Die kurze Antwort
Deine erste Hausbar braucht keine große Flaschensammlung. Wähle zwei Drinks, die du wirklich magst, kaufe deren Zutaten und miss beim Mixen genau ab. In der Hausbar siehst du dann, welche Rezepte zu deinem Vorrat passen und was für einen Gästeabend noch fehlt.

In fünf Minuten zur passenden Startausstattung
Fang mit einer einzigen Entscheidung an.

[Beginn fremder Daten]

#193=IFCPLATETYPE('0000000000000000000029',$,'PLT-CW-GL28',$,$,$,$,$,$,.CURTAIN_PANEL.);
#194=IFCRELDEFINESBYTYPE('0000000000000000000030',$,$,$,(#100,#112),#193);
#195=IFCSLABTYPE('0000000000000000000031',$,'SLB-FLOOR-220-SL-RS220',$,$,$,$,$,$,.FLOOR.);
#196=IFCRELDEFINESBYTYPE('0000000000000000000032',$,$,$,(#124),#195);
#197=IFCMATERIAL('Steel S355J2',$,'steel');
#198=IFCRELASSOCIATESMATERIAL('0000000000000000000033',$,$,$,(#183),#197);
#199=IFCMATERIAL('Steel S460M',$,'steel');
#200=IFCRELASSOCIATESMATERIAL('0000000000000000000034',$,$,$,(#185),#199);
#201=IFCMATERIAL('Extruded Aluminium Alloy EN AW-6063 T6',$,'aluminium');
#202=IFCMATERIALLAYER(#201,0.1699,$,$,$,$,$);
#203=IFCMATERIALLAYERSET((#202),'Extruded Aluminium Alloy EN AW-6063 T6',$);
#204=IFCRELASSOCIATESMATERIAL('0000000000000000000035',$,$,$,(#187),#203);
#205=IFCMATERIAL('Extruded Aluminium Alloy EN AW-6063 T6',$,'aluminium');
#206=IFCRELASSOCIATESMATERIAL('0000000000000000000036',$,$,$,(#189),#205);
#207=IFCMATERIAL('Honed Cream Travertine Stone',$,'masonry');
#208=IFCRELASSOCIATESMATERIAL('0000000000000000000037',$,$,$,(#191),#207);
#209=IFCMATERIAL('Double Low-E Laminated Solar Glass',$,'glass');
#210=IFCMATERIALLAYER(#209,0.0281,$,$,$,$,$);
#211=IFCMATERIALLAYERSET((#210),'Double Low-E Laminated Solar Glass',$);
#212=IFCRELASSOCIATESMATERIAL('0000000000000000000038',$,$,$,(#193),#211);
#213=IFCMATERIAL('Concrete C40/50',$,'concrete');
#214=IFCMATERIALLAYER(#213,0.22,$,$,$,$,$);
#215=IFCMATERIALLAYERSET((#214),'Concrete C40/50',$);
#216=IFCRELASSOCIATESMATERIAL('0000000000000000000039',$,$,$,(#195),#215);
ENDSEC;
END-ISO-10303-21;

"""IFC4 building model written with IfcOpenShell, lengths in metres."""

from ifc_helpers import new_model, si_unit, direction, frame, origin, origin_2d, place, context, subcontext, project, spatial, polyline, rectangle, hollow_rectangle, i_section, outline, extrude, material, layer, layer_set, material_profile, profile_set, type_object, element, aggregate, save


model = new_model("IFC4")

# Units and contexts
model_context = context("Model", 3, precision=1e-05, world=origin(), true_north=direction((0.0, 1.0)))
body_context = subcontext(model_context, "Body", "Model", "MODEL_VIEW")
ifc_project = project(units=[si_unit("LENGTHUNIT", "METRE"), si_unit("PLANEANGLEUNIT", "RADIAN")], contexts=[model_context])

Magst du frisch-säuerliche Cocktails, herbe Aperitifs oder weiche, kräftige Drinks? Wähle danach zwei Rezepte, die sich Zutaten teilen. Beim Gin passen Gin Fizz und Gin Basil Smash gut zusammen. Beim Rum sind es Daiquiri und Mojito.

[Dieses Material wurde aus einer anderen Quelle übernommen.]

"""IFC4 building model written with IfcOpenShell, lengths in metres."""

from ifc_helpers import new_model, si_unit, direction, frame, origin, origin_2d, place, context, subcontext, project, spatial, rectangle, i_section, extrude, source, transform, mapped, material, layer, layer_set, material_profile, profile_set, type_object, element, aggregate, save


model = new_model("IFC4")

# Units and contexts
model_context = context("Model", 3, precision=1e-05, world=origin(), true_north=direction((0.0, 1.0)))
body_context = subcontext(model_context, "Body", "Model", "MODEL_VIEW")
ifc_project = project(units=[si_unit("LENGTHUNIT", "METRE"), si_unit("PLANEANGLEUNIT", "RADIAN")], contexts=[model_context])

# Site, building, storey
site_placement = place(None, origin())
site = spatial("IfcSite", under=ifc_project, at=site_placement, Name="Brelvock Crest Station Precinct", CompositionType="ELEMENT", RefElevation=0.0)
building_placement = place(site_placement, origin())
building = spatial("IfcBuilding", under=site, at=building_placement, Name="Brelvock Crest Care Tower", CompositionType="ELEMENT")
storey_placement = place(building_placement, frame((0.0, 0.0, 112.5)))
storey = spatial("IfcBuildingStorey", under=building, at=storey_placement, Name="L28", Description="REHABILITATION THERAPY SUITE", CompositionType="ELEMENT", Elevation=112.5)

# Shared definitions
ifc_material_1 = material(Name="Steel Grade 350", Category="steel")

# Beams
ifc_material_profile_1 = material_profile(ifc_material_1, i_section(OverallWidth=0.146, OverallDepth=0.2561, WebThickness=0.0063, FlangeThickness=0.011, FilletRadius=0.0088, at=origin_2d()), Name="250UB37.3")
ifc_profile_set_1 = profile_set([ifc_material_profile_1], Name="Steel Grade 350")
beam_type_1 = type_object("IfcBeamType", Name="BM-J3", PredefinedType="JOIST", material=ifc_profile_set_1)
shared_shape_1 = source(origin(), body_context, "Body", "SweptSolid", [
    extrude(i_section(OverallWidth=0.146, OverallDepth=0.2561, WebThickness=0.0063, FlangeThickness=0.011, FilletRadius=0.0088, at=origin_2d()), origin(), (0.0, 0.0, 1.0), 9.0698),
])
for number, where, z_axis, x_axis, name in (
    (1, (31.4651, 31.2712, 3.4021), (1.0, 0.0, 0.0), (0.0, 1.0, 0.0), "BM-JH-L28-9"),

Lies beide Rezepte vollständig, bevor du einkaufst. Frische Kräuter, Eis und Garnitur werden am häufigsten vergessen. Sie stehen meist am Ende der Zutatenliste.
Trag deine vorhandenen Zutaten danach in die Hausbar ein. Ein Treffer heißt: Die Zutaten dieses Rezepts passen zu deiner Auswahl. Wie viel noch in der Flasche ist, weiß die Hausbar nicht. Eis, saubere Geräte und die Garnitur bleiben dein eigener Vorbereitungsschritt.

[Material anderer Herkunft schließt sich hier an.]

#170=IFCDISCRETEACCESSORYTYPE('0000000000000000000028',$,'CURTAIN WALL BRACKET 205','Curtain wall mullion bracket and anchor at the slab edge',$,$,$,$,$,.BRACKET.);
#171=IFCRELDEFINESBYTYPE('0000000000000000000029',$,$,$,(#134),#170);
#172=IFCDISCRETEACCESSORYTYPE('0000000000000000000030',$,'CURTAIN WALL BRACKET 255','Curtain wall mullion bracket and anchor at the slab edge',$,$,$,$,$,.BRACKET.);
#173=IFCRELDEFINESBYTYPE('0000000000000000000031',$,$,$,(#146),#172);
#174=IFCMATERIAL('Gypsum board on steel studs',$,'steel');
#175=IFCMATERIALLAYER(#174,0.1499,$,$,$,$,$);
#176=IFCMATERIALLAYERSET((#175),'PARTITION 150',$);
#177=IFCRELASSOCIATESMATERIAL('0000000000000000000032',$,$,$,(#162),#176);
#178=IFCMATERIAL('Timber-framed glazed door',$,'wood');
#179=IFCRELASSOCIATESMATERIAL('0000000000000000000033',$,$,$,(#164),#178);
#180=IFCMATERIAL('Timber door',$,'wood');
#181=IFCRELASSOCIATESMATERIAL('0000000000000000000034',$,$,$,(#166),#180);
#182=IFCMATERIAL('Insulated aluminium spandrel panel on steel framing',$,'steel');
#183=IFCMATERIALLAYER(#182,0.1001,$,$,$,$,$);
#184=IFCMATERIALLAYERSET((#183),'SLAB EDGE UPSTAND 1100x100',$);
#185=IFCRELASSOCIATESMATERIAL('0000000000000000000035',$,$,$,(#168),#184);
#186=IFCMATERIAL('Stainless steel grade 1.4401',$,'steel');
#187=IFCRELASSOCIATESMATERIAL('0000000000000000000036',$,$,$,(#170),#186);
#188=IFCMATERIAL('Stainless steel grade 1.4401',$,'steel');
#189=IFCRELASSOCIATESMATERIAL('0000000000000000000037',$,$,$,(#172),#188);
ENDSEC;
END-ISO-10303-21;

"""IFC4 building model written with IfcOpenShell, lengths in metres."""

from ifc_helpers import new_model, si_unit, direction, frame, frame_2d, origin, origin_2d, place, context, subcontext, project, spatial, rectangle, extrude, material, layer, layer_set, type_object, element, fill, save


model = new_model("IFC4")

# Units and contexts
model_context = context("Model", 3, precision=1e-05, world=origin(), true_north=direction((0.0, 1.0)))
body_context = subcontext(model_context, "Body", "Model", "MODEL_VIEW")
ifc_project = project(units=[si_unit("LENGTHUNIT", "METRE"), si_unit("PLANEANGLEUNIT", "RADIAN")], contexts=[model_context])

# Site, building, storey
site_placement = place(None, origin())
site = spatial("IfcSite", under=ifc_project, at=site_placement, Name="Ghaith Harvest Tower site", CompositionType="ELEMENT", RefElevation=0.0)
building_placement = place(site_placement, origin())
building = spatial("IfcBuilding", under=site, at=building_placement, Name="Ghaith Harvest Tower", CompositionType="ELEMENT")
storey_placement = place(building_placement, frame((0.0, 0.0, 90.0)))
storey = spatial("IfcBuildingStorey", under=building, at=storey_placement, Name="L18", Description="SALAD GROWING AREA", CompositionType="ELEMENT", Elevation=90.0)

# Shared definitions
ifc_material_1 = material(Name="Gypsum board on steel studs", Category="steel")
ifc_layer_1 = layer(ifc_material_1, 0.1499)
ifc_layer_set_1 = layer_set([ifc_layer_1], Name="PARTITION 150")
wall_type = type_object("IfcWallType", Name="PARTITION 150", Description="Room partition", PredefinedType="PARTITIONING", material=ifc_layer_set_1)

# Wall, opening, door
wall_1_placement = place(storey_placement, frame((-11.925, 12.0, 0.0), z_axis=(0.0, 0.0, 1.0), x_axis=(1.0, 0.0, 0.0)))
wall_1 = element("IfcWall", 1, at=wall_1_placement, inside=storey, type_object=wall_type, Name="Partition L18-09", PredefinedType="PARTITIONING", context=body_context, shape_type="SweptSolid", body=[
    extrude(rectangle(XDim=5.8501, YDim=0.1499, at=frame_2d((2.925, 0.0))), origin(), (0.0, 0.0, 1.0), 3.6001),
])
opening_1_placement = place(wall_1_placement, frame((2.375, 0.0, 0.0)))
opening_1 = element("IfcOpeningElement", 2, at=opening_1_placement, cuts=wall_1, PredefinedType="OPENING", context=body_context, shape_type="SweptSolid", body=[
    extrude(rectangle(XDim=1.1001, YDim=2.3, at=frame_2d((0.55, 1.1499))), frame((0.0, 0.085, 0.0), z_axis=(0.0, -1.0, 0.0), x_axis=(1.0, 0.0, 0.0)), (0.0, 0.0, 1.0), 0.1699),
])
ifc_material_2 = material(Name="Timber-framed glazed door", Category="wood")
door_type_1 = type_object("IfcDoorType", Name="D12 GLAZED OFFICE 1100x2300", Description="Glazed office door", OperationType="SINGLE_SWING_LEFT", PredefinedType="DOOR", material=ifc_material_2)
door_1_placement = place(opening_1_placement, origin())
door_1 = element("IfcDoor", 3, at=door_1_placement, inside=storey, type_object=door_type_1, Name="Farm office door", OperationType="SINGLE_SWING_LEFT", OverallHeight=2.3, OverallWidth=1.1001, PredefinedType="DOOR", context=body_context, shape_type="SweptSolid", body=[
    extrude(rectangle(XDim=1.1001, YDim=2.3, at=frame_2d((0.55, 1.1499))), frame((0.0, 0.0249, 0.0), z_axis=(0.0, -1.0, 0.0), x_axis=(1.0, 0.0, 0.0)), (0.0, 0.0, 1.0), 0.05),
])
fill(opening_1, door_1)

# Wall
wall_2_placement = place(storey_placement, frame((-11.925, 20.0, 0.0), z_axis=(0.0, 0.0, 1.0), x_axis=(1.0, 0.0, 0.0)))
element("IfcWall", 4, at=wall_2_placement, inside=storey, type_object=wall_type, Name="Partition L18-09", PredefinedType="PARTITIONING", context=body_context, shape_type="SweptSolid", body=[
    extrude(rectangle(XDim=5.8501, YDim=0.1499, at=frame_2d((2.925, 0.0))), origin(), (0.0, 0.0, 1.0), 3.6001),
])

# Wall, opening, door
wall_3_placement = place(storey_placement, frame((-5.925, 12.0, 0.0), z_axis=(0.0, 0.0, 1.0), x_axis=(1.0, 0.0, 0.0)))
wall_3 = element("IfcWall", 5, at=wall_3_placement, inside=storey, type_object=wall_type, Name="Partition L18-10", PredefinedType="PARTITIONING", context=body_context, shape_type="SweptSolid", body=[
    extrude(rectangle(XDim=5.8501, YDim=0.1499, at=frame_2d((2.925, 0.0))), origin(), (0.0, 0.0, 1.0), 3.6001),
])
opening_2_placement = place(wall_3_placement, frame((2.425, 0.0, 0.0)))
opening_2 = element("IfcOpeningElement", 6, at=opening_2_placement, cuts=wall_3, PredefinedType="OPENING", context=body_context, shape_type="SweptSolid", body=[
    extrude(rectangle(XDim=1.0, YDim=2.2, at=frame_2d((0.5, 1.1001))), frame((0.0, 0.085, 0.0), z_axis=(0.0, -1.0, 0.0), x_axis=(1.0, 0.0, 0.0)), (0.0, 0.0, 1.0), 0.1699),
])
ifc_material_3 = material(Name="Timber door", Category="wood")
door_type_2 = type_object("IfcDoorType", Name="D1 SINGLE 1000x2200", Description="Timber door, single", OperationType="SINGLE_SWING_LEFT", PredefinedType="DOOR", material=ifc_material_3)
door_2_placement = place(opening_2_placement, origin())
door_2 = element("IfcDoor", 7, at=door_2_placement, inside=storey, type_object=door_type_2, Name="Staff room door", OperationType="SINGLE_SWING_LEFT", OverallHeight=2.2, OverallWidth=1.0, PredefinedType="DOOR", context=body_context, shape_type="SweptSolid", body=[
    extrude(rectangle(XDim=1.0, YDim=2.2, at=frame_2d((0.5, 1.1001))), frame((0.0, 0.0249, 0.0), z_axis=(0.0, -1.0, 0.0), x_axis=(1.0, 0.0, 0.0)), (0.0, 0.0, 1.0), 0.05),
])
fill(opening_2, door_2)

Die Einkaufsliste rechnet den Gesamtbedarf deiner gewählten Portionen zusammen. Was du schon zu Hause stehen hast, ziehst du selbst ab.
Drei Ausbaustufen für den Einkauf
Die Stufen zeigen, wie wenige Flaschen für zwei gute Drinks reichen. Eine Pflichtreihenfolge ist das nicht. Du kannst direkt mit der Rum-Variante beginnen oder bei deinen zwei Lieblingsdrinks bleiben. Eine zusätzliche Flasche lohnt sich erst, sobald du die damit möglichen Drinks wirklich mixen möchtest.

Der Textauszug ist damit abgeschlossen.